# Argument for Analog vs Digital Thermometer on offset



## Twangin (Jun 18, 2019)

As the title says, what would be an argument some of you may have for using an analog thermometer (mounted on the chamber door near grate level) versus a digital probe (mounted on the grate next to the meat)? I have a ThermoPro that I’ve been using for a long time but my smoker door has holes ready to install an analog gauge. There’s something about the simplicity of using analog that appeals to me but is it just not practical when we now have digital options available?


----------



## chilerelleno (Jun 18, 2019)

If you buy a quality analog therm such as a Tel Tru, then I see nothing wrong with one.


----------



## Twangin (Jun 18, 2019)

chilerelleno said:


> If you buy a quality analog therm such as a Tel Tru, then I see nothing wrong with one.


 
Think I’ve heard that brand name recommended on several other forums. Seems like an analog would heat up/react slower to temp swings which I guess could be a good thing for someone who may worry too much about every little fluctuation they see with a fast refreshing digital.


----------



## forktender (Jun 19, 2019)

I've used these for years they are perfect for smoking.


----------



## Twangin (Jun 26, 2019)

I recently found one at my local Agri-Supply store for $19. 4” stem and has the calibration/adjustment screw on the back. Dead-on accurate out of the box. Screwed right into the factory threaded hole on my Old Country smoker. Cant wait to try it out.


----------



## nutt (Jul 21, 2019)

Today a member told me how to use the adjustment nut on the back of my analog gauges. This is the first time in 5 years of use that they have needed it, so I’m stoked:-)

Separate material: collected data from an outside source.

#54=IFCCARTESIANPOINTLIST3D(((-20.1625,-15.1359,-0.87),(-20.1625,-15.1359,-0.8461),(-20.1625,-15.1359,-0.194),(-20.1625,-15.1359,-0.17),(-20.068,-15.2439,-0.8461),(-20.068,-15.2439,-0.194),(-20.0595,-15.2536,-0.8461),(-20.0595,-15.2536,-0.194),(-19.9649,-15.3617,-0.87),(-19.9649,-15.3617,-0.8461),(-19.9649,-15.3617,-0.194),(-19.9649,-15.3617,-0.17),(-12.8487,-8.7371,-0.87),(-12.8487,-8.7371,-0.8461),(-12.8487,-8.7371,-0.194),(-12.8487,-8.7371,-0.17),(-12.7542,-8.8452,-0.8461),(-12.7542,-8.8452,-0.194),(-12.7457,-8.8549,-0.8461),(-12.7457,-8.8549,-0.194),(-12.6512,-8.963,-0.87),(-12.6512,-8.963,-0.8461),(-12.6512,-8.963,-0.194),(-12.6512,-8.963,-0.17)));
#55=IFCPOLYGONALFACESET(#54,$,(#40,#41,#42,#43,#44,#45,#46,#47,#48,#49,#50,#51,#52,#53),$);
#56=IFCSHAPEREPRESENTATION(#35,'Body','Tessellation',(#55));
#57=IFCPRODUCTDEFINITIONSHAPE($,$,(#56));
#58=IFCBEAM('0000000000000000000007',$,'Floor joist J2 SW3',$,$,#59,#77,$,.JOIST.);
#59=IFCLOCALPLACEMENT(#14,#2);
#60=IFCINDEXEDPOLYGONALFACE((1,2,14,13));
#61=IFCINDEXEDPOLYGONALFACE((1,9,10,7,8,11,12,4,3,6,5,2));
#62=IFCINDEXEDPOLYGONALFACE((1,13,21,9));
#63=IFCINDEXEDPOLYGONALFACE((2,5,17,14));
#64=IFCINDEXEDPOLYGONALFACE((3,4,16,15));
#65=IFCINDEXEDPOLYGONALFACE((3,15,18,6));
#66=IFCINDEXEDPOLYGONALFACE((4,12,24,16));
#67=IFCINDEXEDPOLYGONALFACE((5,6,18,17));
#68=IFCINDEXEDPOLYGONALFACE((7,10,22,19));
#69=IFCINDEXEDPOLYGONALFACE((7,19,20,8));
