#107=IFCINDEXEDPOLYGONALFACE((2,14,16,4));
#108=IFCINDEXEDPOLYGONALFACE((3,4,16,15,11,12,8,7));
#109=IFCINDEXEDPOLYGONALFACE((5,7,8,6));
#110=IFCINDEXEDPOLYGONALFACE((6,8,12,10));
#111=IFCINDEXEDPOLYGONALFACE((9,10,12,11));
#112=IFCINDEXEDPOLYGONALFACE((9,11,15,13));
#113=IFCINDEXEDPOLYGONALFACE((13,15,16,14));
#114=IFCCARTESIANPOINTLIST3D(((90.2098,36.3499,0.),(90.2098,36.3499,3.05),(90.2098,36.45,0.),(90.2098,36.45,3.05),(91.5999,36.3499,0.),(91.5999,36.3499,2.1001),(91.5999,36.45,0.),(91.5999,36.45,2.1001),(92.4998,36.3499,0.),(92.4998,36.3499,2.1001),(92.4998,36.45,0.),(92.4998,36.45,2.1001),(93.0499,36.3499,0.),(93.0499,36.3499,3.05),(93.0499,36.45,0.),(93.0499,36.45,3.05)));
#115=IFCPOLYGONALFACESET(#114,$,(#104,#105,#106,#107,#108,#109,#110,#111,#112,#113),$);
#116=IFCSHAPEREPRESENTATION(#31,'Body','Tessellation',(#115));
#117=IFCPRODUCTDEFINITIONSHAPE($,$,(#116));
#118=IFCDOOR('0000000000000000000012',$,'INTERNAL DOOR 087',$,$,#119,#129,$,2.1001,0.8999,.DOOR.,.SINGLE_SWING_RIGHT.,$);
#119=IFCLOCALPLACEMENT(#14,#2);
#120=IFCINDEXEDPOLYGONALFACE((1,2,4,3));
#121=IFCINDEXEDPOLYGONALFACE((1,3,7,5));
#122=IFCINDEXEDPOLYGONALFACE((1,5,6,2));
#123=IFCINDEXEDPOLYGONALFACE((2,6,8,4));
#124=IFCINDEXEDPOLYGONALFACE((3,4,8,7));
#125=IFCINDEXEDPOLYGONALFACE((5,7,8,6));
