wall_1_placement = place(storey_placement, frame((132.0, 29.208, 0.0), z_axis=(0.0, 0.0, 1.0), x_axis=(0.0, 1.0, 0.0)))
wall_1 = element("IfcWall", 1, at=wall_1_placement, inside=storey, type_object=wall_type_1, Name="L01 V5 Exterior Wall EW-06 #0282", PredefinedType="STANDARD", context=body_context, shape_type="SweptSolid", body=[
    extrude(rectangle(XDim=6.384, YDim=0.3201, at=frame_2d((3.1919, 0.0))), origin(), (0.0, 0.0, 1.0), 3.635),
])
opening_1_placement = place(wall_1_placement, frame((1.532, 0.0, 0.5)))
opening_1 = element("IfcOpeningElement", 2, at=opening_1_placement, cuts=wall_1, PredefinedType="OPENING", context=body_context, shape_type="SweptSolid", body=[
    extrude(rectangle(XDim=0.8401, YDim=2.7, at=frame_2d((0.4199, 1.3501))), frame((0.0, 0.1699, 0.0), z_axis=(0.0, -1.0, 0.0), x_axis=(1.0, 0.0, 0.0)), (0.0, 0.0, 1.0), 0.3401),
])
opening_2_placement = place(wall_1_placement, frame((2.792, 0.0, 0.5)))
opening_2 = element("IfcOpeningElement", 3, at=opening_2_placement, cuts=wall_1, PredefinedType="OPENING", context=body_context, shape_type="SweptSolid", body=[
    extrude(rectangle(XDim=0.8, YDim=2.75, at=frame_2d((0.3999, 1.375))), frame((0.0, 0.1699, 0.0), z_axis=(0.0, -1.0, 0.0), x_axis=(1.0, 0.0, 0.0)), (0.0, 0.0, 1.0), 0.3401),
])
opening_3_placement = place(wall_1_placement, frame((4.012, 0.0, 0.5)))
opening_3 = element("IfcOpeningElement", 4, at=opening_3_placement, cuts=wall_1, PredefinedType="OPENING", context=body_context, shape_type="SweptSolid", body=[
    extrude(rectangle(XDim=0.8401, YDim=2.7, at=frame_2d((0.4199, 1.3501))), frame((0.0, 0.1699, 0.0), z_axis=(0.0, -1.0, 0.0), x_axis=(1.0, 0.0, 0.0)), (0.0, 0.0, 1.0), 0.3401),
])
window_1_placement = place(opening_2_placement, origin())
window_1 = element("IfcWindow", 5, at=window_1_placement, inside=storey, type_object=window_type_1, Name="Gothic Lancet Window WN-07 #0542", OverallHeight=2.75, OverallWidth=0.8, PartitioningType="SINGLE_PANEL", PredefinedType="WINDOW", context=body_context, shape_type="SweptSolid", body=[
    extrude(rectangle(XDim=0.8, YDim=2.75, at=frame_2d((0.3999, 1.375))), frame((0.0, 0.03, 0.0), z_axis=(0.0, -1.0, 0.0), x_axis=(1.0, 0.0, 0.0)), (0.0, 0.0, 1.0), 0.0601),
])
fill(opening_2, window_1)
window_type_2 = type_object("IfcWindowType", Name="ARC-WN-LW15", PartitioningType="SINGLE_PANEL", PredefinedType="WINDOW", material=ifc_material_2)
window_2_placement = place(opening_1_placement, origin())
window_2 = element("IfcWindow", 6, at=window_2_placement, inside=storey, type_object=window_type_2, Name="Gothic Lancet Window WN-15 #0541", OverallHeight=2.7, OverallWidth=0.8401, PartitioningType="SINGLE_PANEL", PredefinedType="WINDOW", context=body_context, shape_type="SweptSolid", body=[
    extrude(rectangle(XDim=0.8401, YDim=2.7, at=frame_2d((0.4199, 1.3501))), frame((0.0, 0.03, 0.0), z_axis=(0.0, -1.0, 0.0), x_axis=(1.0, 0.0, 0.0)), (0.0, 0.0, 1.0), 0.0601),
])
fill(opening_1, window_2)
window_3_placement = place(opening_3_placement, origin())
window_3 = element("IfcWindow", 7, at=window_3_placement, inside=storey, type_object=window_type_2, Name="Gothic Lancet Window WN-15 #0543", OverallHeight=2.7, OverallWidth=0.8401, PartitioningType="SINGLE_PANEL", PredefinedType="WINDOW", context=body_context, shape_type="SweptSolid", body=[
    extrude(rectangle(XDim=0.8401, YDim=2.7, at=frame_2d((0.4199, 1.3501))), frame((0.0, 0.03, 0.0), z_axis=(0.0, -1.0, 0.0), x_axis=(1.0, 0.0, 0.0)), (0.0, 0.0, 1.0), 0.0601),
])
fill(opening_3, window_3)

Figure an easy $50-60 investment that is rock solid and zero maintenance!


----------



## daveomak (Jul 22, 2019)

Once you learn the temp difference between the door therm and the temp on the grate, next to the meat....  The door therm will tell you every thing you need to know....


----------



## Twangin (Jul 22, 2019)

So I ended up getting an adjustable door therm.. it has a long 4” stem and is actually positioned fairly close to grate almost midway the chamber. This thing is within 5 degrees of my digital probe! Very pleased with it. It actually takes a little stress out of the equation since you don’t actually see all the quick temp changes that you do with a digital.


----------



## noboundaries (Jul 30, 2019)

Reliable digital and analog therms in the same smoker is more for peace of mind than anything else for me. The fixed analog, if accurate, is placed in a location that gives a general representation of the chamber temp. But all smokers have various temp zones. The digital can be placed directly in the cooking zone to give an accurate reading of the smoking/cooking temp. Are they both necessary? Nope...until the batteries or charge dies on the digital. 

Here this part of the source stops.